7)  The Eastern Orthodox view of hell regards the damned as living through the same light/fire that illuminates the redeemed. God is primarily and ultimately spiritual fire (See the vision of Ezekiel for example). A soul can’t die like a body, it must live forever, it cannot be annihilated otherwise God is not “Lord of Life”. The damned would appear to be those who  continue to exist through God as fire but without the benefits of the other elements. Thus like the rich man in the parable of Lazarus in Luk 16, this soul is tormented by thirst because spiritually or materially, the water element is absent.

8) The mental and abstract, organizational perfections of the Second (akin to Hokhmah) and the understanding and feeling of the Third (akin to Geburah) create a tension between them and the One will of the Head. There are various symbolic grammars and archetypal motifs to evoke this. I like best as easiest to demonstrate in even everyday psychology, the will to exclude among perfectionist Uranian individuals and the will to include of pardoning Neptunian ones, but I realize this is a bit Jungian and not an acceptable comparison for many. But the main point is that until the final decisions of Judgement Day, there is a tension and conflict within God seen at its most extreme at the crucifixion where Jesus, “become” sacrifice and the sin alien to divine perfection, is or feels temporarily abandoned by God like the damned to Hades (hell).
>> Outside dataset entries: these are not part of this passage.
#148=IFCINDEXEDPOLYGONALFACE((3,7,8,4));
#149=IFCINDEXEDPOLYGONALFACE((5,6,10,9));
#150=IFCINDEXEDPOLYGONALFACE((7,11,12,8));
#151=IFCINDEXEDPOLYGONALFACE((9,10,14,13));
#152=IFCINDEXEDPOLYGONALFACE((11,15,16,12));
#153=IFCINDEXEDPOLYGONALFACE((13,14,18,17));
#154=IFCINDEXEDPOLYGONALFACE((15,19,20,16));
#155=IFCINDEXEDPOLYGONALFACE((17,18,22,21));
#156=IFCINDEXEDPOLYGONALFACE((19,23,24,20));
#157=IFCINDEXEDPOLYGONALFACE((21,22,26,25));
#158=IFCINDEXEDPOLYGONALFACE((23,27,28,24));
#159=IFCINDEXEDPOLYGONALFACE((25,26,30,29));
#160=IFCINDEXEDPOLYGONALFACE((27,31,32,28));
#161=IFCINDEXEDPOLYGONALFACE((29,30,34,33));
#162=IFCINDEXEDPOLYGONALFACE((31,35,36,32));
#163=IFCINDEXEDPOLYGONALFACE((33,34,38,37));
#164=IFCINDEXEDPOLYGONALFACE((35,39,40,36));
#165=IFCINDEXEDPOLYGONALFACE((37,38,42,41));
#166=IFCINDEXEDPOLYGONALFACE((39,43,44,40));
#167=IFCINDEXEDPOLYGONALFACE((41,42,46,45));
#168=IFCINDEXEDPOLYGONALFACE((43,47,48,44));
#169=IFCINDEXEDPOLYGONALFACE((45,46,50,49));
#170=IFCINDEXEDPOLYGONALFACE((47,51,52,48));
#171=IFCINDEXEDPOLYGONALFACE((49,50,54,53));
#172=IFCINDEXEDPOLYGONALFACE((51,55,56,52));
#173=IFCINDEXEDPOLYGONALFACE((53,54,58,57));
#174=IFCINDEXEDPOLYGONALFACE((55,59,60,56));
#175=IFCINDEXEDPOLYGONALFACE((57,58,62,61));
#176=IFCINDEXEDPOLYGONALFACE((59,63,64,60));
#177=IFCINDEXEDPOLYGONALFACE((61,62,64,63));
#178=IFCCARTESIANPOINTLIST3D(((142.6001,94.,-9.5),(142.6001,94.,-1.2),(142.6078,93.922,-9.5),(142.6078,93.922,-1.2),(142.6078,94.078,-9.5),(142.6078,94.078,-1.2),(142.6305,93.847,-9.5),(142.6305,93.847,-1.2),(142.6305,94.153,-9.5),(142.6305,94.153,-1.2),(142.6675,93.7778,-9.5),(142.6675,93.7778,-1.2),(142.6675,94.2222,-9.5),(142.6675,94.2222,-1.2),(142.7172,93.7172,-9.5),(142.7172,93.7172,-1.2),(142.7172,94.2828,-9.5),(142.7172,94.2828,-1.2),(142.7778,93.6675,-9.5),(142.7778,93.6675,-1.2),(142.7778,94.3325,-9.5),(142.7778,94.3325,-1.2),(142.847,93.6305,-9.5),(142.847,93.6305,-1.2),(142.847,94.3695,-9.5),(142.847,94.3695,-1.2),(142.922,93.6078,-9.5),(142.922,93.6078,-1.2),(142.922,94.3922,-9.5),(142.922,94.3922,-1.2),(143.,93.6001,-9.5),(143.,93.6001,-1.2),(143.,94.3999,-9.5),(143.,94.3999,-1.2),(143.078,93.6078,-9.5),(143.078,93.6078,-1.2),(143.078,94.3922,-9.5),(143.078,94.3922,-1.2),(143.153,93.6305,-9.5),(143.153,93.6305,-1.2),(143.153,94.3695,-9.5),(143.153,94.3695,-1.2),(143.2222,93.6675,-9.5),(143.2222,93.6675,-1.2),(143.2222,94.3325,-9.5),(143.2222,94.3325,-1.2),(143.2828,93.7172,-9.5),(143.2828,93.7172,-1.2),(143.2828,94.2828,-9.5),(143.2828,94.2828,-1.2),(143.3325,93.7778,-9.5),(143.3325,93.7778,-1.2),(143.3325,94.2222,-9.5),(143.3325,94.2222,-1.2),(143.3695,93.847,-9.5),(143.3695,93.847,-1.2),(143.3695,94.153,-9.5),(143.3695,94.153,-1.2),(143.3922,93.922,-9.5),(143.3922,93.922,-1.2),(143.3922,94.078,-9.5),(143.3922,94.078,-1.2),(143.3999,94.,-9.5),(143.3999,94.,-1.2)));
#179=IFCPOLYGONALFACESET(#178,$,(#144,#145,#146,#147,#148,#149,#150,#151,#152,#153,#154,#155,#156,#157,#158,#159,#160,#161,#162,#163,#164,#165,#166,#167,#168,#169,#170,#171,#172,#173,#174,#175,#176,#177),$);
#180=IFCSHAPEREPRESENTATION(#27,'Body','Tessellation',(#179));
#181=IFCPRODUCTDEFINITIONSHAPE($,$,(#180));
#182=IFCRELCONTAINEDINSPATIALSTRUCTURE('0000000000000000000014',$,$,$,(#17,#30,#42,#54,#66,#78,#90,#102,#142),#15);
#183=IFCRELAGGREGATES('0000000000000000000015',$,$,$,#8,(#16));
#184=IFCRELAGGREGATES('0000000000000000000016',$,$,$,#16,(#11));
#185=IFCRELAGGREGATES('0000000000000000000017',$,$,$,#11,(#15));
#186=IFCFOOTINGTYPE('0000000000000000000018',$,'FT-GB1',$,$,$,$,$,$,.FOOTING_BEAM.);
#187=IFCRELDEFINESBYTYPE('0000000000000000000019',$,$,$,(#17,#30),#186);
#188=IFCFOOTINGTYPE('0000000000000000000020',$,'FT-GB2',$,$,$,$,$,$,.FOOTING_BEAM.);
No Arian type doctrines that deny the Trinity fit the spiritual and psychological dynamics of the Passion story and one might as well say that Jesus never died on the cross or did so without much purpose. The maverick theologian Uta Ranke Heinemann dismisses the whole atonement doctrine as “theology for butchers”. I suggest this kind of thinking is an example of the German theological messing about on which the West is choking.